Data Science Tutorial: Age vs. Height - vanslooten.com Data Science Tutorial: Age vs. Height

Objective: Apply your newly acquired Data Science knowledge to explore a simple real-world relationship and build a basic predictive model. This is a quick hands-on exercise to get you comfortable with the tools. This tutorial requires basic knowledge of Python and Data Science.

We will use sklearn (from the scikit-learn distribution), which is based on SciPy, focusing specifically on machine learning algorithms. The functionality that scikit-learn provides includes: Regression, including Linear and Logistic Regression. Classification, including K-Nearest Neighbors.

Before you start coding, consider creating a virtual environment first. That has been explained in this tutorial.

Refresher & Tools

Briefly revisit the “Linear Regression” and “R-squared” sections on W3Schools Data Science if you need a quick reminder
Ensure your Python environment is ready and you can import libraries like pandas, matplotlib, and scikit-learn (for sklearn).

To install a library, you must:

pip install scikit-learn

In Thonny, you can install libraries via Tools > Manage packages.

Make sure to install all necessary libraries.

Get Your Data

For this tutorial we selected a small dataset from Kaggle, that contains Age, Height, Weight and Bmi data.

Download this small example dataset (it’s a common dataset from Kaggle).
Place the .csv file in the same directory as your Python script

Next, create a new Python script and import the necessary libraries:

import pandas as pd
import numpy as np
import matplotlib.pyplot as plt

from sklearn.linear_model import LinearRegression
from sklearn.model_selection import train_test_split
from sklearn.metrics import mean_squared_error

1. Load and Sample Your Data

Load the .csv file into a Pandas DataFrame

Beware that datasets might be large. To ease development and testing, consider working with a small random sample*:

df = df_full.sample(n=50, random_state=42)
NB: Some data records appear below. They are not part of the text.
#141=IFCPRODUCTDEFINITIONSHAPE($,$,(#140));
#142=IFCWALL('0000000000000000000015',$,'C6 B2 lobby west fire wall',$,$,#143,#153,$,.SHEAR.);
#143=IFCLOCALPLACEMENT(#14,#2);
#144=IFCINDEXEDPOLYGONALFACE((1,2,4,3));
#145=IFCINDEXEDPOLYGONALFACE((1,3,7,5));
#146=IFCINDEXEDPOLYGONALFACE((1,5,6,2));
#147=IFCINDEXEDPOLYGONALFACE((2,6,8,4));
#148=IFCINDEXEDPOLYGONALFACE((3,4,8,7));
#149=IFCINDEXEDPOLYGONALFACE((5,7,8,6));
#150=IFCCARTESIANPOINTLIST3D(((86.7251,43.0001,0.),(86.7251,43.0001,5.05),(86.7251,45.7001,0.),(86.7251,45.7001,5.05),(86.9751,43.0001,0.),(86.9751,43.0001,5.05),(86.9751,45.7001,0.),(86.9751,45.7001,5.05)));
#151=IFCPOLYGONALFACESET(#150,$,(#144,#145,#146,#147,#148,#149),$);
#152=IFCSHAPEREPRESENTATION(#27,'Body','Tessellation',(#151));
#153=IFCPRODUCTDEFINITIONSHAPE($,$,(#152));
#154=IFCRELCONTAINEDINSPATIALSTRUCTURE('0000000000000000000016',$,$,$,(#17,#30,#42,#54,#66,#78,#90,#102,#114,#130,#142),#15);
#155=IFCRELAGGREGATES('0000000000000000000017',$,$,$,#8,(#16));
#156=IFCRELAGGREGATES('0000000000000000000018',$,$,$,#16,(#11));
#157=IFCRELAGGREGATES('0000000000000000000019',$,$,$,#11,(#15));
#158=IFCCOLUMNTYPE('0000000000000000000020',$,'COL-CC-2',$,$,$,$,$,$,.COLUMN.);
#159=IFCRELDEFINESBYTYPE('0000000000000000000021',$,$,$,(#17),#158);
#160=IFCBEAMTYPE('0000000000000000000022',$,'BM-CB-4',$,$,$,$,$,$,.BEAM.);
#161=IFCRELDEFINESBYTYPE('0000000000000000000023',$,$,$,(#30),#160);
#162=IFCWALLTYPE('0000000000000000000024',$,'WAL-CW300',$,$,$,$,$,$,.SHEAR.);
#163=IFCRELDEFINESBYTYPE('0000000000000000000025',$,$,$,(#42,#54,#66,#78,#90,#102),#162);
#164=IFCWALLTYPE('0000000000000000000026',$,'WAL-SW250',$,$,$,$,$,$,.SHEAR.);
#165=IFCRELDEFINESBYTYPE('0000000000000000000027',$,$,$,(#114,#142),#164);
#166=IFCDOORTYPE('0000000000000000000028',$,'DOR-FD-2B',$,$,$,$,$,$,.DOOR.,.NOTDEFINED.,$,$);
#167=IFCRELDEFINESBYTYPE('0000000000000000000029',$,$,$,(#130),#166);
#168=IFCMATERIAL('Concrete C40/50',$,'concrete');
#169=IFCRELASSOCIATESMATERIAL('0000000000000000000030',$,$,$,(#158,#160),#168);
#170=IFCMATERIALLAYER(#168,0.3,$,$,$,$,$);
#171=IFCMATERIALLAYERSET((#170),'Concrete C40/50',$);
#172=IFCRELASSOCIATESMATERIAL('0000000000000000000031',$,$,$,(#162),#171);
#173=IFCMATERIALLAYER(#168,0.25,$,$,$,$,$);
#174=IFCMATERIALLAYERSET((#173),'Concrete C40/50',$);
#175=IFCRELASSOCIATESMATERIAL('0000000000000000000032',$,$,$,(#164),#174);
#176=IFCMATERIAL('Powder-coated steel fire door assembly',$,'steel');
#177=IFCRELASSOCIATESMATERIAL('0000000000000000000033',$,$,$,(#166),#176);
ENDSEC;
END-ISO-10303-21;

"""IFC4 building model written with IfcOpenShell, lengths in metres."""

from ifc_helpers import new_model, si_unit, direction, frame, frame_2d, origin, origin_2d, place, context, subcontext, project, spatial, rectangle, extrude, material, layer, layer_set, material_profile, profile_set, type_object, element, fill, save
However, if you use the given dataset, you can skip this.

* Another way to reduce the size is to split the data into training and testing sets.

Test if the dataset loads properly, by printing some info:

print(df.head())

Run the script.

2. Explore and Visualize

Print a bit more information about the dataset. For example, what is the age range? (min. and max. of the Age?) What is the average height?
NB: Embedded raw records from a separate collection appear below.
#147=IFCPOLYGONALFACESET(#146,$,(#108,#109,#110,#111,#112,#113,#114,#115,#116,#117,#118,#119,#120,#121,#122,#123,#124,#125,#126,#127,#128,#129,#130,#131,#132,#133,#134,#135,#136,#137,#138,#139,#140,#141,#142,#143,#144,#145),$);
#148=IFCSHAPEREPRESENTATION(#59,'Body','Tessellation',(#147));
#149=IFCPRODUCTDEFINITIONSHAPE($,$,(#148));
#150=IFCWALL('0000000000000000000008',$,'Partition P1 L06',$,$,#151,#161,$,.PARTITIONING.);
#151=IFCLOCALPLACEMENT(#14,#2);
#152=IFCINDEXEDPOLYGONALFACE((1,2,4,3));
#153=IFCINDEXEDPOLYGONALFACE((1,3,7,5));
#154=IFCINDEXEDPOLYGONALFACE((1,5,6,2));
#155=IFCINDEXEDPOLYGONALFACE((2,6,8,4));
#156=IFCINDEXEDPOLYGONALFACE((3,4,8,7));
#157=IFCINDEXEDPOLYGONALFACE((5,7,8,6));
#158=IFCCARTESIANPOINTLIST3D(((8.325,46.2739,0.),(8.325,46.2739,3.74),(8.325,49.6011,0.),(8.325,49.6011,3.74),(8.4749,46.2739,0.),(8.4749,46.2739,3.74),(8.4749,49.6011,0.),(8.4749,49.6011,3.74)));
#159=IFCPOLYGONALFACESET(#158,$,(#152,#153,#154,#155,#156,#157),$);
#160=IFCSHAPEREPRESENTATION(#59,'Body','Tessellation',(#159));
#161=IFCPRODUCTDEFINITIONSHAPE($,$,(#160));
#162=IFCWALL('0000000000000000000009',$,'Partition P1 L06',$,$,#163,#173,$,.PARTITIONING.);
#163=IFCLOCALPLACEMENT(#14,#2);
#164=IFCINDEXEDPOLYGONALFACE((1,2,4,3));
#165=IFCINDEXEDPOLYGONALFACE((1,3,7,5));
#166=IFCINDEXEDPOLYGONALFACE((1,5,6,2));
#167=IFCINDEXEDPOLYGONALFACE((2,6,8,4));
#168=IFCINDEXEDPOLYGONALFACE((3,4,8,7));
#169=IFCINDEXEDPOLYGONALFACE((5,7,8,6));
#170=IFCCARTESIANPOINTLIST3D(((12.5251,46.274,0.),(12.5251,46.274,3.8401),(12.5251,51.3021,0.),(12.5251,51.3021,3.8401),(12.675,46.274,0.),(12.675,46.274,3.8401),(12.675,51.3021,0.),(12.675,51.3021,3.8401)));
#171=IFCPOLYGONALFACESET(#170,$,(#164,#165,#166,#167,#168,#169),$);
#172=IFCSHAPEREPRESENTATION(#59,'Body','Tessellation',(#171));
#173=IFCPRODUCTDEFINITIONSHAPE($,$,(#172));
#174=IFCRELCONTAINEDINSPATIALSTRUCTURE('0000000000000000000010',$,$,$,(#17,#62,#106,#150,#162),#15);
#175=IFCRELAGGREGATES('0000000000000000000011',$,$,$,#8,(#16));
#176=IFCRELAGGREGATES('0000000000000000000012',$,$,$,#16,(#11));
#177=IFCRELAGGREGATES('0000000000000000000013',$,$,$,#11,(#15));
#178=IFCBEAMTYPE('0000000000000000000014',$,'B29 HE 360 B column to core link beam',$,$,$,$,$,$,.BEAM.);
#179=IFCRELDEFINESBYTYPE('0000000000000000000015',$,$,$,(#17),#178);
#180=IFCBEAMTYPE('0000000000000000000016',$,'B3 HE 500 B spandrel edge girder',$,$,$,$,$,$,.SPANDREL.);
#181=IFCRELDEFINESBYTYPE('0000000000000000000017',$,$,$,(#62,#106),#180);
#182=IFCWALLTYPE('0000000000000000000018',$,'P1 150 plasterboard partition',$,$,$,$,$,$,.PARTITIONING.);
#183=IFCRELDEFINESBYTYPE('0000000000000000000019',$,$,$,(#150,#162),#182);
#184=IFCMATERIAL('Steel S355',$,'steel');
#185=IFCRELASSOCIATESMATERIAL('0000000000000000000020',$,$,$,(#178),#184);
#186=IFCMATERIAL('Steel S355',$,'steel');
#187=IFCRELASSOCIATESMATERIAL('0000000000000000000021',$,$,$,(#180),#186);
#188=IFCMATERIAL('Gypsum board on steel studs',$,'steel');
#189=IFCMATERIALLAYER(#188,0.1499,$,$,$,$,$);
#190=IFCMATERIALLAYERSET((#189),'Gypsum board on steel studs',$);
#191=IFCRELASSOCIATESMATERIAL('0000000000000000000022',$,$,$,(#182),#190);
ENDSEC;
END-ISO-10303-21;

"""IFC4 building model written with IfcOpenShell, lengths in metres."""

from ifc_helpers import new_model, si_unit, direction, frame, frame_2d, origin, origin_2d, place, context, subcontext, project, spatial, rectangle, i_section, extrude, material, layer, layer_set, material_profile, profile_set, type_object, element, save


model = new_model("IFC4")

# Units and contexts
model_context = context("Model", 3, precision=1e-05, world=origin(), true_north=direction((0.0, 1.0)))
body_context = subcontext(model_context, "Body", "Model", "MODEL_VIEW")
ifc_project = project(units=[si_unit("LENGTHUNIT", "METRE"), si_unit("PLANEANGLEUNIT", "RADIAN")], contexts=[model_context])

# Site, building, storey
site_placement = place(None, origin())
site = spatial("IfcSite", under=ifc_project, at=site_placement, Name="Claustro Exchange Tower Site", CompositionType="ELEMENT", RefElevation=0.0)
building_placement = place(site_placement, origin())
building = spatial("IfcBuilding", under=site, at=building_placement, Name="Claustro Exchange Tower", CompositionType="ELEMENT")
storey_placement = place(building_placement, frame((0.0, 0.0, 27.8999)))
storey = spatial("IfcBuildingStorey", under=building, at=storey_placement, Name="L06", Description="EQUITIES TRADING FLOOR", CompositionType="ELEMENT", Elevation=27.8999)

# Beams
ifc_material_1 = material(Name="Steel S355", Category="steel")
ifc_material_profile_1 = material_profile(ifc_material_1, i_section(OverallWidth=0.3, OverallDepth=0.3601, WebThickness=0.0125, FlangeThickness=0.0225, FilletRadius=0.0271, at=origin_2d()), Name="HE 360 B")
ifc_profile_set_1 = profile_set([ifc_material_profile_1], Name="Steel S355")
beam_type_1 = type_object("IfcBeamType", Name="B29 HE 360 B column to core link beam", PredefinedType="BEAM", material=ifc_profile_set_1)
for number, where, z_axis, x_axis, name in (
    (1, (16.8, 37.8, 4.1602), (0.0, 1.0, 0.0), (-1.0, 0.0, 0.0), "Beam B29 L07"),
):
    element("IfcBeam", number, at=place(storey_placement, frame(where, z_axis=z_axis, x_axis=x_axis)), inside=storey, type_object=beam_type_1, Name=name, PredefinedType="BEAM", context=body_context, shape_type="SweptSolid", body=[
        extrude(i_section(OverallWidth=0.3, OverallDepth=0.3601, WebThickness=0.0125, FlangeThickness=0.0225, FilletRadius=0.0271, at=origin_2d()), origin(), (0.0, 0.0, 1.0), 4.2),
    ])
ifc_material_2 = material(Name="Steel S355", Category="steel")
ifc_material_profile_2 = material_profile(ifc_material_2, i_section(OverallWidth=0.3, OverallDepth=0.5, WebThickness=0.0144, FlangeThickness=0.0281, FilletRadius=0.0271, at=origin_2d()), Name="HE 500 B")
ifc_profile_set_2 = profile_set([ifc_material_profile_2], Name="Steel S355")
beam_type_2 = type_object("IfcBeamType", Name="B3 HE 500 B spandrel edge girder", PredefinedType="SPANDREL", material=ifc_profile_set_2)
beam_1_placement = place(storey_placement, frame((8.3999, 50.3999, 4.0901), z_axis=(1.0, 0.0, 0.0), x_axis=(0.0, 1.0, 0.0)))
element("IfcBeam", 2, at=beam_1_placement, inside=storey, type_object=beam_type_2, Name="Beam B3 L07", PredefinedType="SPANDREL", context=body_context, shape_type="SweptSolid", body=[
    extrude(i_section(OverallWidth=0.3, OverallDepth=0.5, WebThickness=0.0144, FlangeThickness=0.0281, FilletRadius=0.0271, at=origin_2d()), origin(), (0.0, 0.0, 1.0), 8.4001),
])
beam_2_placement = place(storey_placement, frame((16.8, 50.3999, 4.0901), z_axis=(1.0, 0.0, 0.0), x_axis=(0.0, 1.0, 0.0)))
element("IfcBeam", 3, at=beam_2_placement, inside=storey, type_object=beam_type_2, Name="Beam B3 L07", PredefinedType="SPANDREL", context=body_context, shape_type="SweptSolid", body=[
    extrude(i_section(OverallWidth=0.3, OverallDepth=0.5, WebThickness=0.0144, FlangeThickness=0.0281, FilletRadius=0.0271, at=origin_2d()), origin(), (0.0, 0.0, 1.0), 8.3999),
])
Create a scatter plot with ‘Age’ on the X-axis and ‘Height’ on the Y-axis.

Does there appear to be a relationship?

Example code:

plt.scatter(df['Age'], df['Height'])
plt.xlabel('Age')
plt.ylabel('Height')
plt.title('Scatter Plot of Age vs. Height')
plt.show()

3. Build Your Model

Using sklearn.linear_model.LinearRegression, create a simple linear regression model.
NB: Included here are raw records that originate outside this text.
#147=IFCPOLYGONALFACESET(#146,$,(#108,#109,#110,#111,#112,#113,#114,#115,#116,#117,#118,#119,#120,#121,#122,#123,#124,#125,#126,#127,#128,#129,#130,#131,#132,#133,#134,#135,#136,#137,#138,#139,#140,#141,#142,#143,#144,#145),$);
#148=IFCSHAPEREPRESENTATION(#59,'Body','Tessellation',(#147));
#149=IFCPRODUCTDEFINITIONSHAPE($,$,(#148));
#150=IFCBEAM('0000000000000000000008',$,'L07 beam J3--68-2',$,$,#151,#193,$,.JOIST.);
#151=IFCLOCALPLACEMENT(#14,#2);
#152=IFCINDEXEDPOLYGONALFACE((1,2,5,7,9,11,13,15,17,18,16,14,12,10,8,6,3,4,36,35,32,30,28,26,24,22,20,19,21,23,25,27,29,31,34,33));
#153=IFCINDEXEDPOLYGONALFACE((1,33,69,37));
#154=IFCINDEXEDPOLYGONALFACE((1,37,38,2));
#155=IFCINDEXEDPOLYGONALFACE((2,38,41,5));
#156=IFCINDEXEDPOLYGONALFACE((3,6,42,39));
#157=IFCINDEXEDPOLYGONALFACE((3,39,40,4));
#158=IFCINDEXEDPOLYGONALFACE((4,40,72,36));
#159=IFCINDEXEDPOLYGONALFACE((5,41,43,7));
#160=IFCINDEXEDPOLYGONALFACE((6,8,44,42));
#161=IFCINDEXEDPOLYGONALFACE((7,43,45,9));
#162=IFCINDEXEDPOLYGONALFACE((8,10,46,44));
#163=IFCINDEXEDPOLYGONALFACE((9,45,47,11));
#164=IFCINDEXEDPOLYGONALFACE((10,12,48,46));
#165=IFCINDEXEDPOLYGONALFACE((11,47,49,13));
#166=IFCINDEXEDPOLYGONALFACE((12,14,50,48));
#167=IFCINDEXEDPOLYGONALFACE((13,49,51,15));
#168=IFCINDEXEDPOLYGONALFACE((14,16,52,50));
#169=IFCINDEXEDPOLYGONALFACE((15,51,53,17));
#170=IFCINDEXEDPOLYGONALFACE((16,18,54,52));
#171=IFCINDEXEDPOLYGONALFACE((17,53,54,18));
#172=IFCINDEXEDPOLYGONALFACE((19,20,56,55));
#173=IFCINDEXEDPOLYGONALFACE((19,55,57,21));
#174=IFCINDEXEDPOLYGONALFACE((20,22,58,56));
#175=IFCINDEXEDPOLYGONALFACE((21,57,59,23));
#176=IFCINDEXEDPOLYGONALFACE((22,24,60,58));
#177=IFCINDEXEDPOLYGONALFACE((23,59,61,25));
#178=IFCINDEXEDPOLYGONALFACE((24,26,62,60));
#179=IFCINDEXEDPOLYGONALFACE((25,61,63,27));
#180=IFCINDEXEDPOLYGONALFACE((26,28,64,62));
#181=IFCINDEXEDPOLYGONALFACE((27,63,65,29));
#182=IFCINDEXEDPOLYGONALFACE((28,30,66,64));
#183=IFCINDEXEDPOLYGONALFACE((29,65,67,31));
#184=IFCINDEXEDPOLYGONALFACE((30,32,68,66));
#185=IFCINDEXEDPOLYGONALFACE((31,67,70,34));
Train your model (if needed, using a training set) to predict Height based on Age.

Example code:

# Assuming your columns are named 'Age' and 'Height'
# Reshape 'Age' for sklearn if it's a single feature
X = df[['Age']] # Input feature must be 2D
y = df['Height'] # Target variable

model = LinearRegression()
model.fit(X, y)

Evaluate Your Model

Calculate the R-squared value for your model.

What is your R-squared value? What does this number generally tell you about how well age explains height in this dataset?

Example code:

r_squared = model.score(X, y) # For this exercise, we evaluate on training data
print(f"R-squared value: {r_squared:.8f}")

Make a Prediction

Use your trained model to predict the height for a new, arbitrary age (e.g., predict height for someone who is 7 years old, or 25 years old). Remember to reshape the input age for the model.

Print out the predicted height.

Example code:

# Example prediction for a 12-year-old
new_age = np.array([[12]]) # Input must be 2D
predicted_height = model.predict(new_age)
print(f"Predicted height for age 12: {predicted_height[0]:.2f} cm")

Visualize the outcome

Visualize the regression line in the scatter plot for better interpretation. Adjusted part of the code that adds the regression line to the scatter plot:

# Visualize the regression line in a scatter plot for better interpretation.
plt.scatter(df['Age'], df['Height'])
plt.plot(df['Age'], model.predict(X), color='red', linewidth=2)
plt.xlabel('Age')
plt.ylabel('Height')
plt.title('Scatter Plot of Age vs. Height with Regression Line')
plt.show()

Reflection

What do you think of this prediction?
What conclusions can you draw from this exercise?
Is this a useful approach?
What would you do different?

Learn from other findings and examples

Take a look at the dataset page on Kaggle. Apart from the extensive description of the dataset on the first tab, it has a tab ‘Code’, where you can find code examples (mostly Jupyter notebooks) from others using that dataset. For example the “Basic Linear Regression to predict height from age” looks very similar to what we have done.

Apart from nice examples, it also contains some analysis. Like the one from “Translate data into Insights – XGBoost”. There you find some conclusions in between the code samples:

You can learn a lot from these Code examples!